Decomposition method according to claim 12, which is a W / cm ^2. 14. The decomposition method according to claim 1, wherein the halogenated aliphatic hydrocarbon is an aliphatic hydrocarbon compound substituted with a chlorine atom. 15. The halogen aliphatic hydrocarbon may be trichloroethylene, 1,1,1-trichloroethane, tetrachloroethylene, 1,1-dichloroethylene, cis-1,2-dichloroethylene, trans-1,2-dichloroethylene, trichloromethane (chloroform ) And at least one of dichloromethane. 16. A decomposition tank, means for supplying a halogenated aliphatic hydrocarbon compound as a substance to be decomposed to the decomposition tank, adsorption means having an adsorptive surface capable of adsorbing and desorbing the substance to be decomposed, and An electrode, which also serves as means for generating functional water that decomposes the substance to be decomposed under light irradiation by electrolysis of an aqueous electrolyte solution, means for irradiating light to cause a decomposition reaction by the functional water, and performing the electrolysis And a counter electrode of the electrode for the decomposition. 17. The decomposition apparatus according to claim 16, wherein the adsorption and desorption using the electrode and the decomposition reaction are performed in the same decomposition tank. 18. The decomposition apparatus according to claim 16, wherein the supply of the substance to be decomposed to a portion in contact with the adsorptive surface of the electrode is performed in a state of being contained in a gas or a liquid. 19. The decomposition apparatus according to claim 16, wherein the material of the conductive adsorbent has a volume resistivity of 10 ⁻³ Ωm or less. 20. The decomposition apparatus according to claim 16, wherein the surface of the conductive adsorbent is porous. 21. The decomposition apparatus according to claim 19, wherein the conductive adsorbent is at least one selected from activated carbon, activated carbon fiber, and porous metal. 22. The decomposition apparatus according to claim 16, wherein the electrolyte is at least one of sodium chloride and potassium chloride. 23. The electrolyzed functional water has a hydrogen ion concentration (pH
23) The oxidation-reduction potential (working electrode: platinum electrode, reference electrode: silver-silver chloride electrode) of 800 to 1500 mV, and the chlorine concentration of 5 to 150 mg / L. Decomposition equipment. 24. The functional water has a hydrogen ion concentration (pH value) of 4.

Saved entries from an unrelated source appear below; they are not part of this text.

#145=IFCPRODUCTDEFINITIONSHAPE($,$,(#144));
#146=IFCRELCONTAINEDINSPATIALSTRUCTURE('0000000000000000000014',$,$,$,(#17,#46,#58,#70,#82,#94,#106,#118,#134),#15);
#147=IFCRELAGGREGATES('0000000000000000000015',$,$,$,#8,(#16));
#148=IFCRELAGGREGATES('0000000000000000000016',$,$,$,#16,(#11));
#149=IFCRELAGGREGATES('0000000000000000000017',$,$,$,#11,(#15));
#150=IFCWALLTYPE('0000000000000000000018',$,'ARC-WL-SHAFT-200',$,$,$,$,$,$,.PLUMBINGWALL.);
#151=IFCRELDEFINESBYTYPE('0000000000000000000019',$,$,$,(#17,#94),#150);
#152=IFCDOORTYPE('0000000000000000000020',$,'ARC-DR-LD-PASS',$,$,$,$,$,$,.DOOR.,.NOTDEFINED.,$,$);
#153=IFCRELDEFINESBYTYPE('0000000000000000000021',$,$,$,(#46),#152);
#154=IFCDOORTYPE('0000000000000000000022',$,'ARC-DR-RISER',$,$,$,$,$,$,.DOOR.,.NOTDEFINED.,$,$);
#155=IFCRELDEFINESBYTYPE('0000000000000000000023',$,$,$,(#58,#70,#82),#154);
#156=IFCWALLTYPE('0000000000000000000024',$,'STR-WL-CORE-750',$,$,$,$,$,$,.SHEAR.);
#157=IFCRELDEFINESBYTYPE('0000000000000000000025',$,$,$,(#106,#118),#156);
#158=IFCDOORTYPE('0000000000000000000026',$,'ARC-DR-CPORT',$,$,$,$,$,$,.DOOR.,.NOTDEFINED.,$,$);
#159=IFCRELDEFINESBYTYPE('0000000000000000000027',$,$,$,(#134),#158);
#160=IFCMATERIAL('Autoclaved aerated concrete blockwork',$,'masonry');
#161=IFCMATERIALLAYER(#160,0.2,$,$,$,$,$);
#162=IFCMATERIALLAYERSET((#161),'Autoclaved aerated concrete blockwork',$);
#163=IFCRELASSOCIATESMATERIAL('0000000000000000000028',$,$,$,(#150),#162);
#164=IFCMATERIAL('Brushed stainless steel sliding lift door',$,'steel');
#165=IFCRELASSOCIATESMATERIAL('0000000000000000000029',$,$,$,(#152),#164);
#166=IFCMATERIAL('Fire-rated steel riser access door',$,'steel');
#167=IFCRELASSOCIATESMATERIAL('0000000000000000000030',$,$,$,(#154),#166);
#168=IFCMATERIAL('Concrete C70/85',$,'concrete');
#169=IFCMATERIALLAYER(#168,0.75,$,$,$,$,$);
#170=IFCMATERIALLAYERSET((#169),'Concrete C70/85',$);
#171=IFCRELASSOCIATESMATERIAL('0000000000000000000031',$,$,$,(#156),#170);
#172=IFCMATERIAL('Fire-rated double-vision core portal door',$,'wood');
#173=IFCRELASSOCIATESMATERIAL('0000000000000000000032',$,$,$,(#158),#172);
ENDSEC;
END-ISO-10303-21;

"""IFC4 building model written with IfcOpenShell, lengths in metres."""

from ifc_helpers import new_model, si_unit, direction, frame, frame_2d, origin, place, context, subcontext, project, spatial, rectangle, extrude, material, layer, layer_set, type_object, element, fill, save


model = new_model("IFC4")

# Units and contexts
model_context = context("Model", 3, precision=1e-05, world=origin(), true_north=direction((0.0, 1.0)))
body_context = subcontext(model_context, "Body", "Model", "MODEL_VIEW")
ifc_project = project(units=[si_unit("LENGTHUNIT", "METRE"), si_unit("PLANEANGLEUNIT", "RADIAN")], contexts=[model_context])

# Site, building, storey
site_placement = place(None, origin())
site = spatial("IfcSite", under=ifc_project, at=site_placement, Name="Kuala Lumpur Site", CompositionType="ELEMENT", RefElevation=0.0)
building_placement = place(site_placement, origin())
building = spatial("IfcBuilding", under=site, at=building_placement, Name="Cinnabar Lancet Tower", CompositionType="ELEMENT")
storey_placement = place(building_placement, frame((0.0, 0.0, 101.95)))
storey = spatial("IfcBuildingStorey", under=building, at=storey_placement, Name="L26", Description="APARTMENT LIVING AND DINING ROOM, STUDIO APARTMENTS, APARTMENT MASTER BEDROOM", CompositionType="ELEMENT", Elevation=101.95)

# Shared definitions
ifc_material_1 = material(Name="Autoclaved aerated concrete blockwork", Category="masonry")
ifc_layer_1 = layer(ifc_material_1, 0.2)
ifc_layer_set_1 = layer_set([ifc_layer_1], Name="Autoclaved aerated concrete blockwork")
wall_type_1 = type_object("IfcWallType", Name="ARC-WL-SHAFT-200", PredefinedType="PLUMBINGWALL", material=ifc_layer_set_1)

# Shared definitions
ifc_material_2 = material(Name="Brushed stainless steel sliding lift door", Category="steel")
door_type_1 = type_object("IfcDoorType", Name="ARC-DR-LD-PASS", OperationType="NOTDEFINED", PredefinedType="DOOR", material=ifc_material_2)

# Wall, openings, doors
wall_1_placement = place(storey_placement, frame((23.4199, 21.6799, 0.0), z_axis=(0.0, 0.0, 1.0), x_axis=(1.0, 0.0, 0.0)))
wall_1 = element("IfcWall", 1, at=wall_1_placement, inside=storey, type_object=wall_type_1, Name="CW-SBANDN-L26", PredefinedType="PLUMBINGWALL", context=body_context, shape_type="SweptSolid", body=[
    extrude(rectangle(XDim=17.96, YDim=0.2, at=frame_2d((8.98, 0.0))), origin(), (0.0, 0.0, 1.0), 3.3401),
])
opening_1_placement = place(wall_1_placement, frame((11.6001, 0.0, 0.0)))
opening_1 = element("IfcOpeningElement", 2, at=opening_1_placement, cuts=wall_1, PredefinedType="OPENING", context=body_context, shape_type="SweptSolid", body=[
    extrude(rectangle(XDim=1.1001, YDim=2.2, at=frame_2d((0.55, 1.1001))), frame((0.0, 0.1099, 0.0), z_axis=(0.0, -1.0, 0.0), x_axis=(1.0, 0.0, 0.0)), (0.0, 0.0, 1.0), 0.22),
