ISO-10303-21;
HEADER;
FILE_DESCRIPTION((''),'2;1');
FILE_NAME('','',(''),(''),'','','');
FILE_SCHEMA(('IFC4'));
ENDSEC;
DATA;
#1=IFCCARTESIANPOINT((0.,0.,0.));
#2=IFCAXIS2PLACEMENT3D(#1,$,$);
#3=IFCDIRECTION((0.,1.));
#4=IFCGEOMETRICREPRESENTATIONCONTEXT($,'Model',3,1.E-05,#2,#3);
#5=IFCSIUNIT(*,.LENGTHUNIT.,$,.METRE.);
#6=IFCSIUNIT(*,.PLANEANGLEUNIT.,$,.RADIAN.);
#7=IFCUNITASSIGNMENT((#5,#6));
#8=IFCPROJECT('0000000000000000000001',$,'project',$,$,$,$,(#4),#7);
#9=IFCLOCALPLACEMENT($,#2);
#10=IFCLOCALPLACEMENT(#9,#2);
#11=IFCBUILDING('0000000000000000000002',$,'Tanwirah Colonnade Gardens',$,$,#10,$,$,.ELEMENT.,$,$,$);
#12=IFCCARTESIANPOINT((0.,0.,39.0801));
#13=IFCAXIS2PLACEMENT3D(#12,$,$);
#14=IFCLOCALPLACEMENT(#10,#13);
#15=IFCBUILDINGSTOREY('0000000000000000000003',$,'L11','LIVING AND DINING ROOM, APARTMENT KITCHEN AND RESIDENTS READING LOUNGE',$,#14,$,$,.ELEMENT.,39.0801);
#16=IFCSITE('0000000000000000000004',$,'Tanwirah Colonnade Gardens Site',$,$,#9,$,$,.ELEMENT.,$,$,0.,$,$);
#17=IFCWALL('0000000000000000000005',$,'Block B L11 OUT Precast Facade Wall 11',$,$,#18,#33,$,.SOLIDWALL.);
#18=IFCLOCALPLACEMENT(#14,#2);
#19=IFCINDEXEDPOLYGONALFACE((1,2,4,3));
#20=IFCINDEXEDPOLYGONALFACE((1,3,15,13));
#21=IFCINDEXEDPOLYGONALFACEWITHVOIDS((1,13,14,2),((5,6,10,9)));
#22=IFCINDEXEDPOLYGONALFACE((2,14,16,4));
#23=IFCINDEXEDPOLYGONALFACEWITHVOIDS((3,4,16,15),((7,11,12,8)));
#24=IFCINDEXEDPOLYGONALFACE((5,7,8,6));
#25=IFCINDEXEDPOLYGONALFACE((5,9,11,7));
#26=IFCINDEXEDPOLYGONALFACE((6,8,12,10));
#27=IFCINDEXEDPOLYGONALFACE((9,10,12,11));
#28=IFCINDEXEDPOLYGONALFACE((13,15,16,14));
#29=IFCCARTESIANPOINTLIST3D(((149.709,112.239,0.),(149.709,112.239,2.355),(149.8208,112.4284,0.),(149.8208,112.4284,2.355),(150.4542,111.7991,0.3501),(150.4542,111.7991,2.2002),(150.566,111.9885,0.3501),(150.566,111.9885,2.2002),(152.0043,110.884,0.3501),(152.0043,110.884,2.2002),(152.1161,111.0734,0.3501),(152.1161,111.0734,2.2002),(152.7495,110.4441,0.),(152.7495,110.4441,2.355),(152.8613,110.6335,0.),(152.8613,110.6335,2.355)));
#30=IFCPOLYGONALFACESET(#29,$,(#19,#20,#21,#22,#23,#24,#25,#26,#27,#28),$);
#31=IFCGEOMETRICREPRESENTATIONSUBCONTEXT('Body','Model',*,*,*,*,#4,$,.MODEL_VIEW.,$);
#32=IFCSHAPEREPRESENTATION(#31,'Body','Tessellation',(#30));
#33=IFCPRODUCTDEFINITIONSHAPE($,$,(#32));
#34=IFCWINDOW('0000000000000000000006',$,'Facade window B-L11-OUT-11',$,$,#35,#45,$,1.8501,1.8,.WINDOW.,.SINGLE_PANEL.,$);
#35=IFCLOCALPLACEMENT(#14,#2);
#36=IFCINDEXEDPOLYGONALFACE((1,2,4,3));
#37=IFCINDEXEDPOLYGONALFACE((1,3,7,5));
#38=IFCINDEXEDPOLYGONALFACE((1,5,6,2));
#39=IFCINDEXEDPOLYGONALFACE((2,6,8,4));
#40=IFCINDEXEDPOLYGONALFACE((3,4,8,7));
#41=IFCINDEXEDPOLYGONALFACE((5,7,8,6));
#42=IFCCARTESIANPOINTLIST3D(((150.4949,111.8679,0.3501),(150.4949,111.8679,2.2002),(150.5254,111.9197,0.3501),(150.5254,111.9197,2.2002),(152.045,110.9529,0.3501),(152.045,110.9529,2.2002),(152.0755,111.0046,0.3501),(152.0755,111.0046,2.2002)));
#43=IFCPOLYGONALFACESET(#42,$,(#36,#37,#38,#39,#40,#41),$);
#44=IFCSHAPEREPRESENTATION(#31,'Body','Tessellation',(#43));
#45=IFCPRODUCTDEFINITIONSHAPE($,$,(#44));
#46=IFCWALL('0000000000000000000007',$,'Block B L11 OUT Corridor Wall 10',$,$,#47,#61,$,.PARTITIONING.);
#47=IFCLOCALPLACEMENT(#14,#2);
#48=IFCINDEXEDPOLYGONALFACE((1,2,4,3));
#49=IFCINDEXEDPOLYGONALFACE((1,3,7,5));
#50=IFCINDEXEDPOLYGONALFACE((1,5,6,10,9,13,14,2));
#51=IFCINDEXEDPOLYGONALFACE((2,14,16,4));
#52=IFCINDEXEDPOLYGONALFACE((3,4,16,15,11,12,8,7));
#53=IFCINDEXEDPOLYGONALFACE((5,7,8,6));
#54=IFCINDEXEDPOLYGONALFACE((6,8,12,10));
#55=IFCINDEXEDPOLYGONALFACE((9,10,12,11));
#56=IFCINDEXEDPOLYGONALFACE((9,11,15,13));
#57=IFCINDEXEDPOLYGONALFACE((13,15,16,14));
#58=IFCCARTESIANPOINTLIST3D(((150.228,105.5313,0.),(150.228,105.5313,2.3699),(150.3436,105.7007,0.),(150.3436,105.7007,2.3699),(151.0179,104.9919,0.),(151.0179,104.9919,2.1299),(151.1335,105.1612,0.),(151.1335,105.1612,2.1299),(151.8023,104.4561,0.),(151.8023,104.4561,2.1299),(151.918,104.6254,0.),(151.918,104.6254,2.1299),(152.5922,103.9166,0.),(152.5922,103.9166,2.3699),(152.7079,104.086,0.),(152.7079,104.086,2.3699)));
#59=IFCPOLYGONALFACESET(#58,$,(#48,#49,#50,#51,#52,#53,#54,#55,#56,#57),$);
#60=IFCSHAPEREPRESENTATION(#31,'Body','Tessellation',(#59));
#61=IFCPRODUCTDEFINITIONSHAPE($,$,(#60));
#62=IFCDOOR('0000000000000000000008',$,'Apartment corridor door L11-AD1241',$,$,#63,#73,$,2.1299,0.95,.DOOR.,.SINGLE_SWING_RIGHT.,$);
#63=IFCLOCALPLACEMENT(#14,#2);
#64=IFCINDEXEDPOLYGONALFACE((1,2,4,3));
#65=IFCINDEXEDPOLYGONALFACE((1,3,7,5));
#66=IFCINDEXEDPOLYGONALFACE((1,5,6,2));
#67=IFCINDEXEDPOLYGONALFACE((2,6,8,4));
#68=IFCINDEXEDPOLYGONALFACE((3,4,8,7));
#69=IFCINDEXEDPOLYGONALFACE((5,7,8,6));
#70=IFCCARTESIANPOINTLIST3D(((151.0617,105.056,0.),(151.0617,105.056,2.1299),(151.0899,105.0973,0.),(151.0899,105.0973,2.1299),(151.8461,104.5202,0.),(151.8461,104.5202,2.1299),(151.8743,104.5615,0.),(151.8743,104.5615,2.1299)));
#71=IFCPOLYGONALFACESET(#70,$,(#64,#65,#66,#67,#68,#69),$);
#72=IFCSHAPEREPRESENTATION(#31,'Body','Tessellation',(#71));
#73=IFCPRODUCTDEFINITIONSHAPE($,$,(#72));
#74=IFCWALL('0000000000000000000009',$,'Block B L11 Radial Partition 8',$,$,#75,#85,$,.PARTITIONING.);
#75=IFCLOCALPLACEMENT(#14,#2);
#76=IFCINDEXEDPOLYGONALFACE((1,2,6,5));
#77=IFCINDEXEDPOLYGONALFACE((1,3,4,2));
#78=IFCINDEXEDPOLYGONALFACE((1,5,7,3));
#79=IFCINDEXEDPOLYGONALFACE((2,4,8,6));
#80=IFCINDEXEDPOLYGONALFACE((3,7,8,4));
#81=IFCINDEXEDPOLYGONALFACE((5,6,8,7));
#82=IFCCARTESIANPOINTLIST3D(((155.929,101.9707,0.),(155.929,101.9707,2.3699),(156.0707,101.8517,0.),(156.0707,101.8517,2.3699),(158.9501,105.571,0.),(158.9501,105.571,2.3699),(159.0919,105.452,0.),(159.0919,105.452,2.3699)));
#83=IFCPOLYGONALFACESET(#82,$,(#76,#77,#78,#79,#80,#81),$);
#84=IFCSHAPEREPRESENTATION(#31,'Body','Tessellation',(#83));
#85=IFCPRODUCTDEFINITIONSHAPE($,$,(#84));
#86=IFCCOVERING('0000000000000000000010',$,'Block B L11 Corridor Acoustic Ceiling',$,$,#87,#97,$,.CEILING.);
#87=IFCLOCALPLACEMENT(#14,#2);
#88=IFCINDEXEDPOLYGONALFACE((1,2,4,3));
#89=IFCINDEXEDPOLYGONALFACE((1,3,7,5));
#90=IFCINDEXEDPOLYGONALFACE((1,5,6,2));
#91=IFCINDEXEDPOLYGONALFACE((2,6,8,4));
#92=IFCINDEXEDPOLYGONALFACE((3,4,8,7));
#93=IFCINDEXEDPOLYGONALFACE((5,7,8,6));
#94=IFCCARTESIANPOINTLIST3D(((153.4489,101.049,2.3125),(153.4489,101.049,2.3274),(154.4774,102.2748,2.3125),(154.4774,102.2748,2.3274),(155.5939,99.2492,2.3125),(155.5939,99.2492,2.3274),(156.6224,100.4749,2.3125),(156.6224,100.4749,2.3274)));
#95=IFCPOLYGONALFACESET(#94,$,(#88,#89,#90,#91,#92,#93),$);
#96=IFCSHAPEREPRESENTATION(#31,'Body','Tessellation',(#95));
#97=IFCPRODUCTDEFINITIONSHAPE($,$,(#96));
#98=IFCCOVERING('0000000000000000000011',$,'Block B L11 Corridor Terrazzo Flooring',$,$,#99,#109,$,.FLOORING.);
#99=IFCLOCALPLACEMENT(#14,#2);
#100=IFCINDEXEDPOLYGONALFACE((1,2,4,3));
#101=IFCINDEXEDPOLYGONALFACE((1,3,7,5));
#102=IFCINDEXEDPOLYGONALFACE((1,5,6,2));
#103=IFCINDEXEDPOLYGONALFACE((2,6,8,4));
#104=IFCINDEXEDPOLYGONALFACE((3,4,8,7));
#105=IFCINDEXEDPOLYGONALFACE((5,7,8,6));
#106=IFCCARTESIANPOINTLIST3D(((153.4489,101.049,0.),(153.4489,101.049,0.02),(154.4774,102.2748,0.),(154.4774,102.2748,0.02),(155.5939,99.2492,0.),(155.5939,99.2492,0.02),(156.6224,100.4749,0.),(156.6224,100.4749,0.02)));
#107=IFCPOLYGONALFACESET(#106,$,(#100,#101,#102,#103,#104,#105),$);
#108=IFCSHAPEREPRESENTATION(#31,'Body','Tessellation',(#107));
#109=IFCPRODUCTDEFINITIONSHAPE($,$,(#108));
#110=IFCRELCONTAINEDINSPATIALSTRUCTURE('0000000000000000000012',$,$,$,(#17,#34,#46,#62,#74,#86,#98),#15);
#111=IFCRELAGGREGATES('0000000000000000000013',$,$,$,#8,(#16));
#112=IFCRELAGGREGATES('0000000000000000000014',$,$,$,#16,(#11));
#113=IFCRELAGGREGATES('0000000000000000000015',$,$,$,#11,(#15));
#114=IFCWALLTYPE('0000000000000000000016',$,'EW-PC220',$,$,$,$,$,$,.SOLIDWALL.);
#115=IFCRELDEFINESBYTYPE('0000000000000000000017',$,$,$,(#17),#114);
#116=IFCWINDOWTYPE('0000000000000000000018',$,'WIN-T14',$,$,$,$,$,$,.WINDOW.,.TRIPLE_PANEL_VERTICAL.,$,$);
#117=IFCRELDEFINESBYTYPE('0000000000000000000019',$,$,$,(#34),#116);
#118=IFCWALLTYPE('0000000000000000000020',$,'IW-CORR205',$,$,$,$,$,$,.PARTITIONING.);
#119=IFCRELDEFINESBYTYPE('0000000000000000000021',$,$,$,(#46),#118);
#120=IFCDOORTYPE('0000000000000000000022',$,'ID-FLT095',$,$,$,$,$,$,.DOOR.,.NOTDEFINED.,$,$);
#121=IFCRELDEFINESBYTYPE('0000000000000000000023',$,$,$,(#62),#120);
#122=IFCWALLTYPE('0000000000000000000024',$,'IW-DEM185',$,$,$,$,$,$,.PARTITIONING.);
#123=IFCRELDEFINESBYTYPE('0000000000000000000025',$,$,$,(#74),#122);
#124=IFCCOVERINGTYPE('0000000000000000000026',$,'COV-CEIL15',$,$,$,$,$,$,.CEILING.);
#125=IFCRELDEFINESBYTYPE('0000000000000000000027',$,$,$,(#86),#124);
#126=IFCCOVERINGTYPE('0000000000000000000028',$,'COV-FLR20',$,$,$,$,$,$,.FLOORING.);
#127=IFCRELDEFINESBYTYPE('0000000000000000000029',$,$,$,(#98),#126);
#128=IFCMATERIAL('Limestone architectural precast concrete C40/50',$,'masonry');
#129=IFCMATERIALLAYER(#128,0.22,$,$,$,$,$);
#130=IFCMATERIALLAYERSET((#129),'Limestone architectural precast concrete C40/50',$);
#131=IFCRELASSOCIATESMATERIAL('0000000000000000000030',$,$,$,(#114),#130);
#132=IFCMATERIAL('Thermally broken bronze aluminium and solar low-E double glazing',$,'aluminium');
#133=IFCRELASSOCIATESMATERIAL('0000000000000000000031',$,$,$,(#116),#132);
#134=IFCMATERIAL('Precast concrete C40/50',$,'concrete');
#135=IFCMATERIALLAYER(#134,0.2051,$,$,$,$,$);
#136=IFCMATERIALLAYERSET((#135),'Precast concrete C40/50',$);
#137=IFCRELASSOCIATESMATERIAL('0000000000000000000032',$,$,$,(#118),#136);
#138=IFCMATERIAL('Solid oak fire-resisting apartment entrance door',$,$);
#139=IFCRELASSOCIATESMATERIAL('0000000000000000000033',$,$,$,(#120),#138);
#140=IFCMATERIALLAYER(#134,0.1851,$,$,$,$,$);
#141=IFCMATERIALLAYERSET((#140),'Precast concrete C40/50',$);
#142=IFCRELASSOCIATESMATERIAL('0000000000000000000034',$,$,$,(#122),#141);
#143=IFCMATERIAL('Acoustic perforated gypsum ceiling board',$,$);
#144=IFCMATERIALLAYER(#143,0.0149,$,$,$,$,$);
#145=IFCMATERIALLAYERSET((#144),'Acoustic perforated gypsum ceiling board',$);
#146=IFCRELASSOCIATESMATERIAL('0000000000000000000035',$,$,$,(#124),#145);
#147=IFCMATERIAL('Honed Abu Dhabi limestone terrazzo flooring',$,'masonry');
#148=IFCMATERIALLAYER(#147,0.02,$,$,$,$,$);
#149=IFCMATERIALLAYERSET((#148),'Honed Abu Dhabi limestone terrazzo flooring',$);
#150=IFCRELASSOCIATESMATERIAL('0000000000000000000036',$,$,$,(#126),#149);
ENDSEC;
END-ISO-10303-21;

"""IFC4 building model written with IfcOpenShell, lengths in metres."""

from ifc_helpers import new_model, si_unit, direction, frame, frame_2d, origin, origin_2d, place, context, subcontext, project, spatial, rectangle, extrude, material, layer, layer_set, type_object, element, fill, save


model = new_model("IFC4")

# Units and contexts
model_context = context("Model", 3, precision=1e-05, world=origin(), true_north=direction((0.0, 1.0)))
body_context = subcontext(model_context, "Body", "Model", "MODEL_VIEW")
ifc_project = project(units=[si_unit("LENGTHUNIT", "METRE"), si_unit("PLANEANGLEUNIT", "RADIAN")], contexts=[model_context])

# Site, building, storey
site_placement = place(None, origin())
site = spatial("IfcSite", under=ifc_project, at=site_placement, Name="Tanwirah Colonnade Gardens Site", CompositionType="ELEMENT", RefElevation=0.0)
building_placement = place(site_placement, origin())
building = spatial("IfcBuilding", under=site, at=building_placement, Name="Tanwirah Colonnade Gardens", CompositionType="ELEMENT")
storey_placement = place(building_placement, frame((0.0, 0.0, 39.0801)))
storey = spatial("IfcBuildingStorey", under=building, at=storey_placement, Name="L11", Description="LIVING AND DINING ROOM, APARTMENT KITCHEN AND RESIDENTS READING LOUNGE", CompositionType="ELEMENT", Elevation=39.0801)

# Shared definitions
ifc_material_1 = material(Name="Precast concrete C40/50", Category="concrete")

# Shared definitions
ifc_material_2 = material(Name="Limestone architectural precast concrete C40/50", Category="masonry")
ifc_layer_1 = layer(ifc_material_2, 0.22)
ifc_layer_set_1 = layer_set([ifc_layer_1], Name="Limestone architectural precast concrete C40/50")
wall_type_1 = type_object("IfcWallType", Name="EW-PC220", PredefinedType="SOLIDWALL", material=ifc_layer_set_1)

23. The decomposition apparatus according to claim 16, wherein the oxidation-reduction potential (working electrode: platinum electrode, reference electrode: silver-silver chloride electrode) is 300 to 1100 mV, and the chlorine concentration is 2 to 100 mg / L. 25. The decomposition apparatus according to claim 16, wherein the light is light including light in a wavelength range of 300 to 500 nm. 26. The decomposition apparatus according to claim 25, wherein the light is light in a wavelength range of 350 to 450 nm. 27. An irradiation amount of said light of 10 μW / cm ² to 10
The decomposition apparatus according to any one of claims 16 to 26, wherein the decomposition power is mW / cm ² . 28. An irradiation amount of the light is 50 μW / cm ^{2 to 5} m.
Decomposing apparatus according to claim 27 which is a W / cm ^2.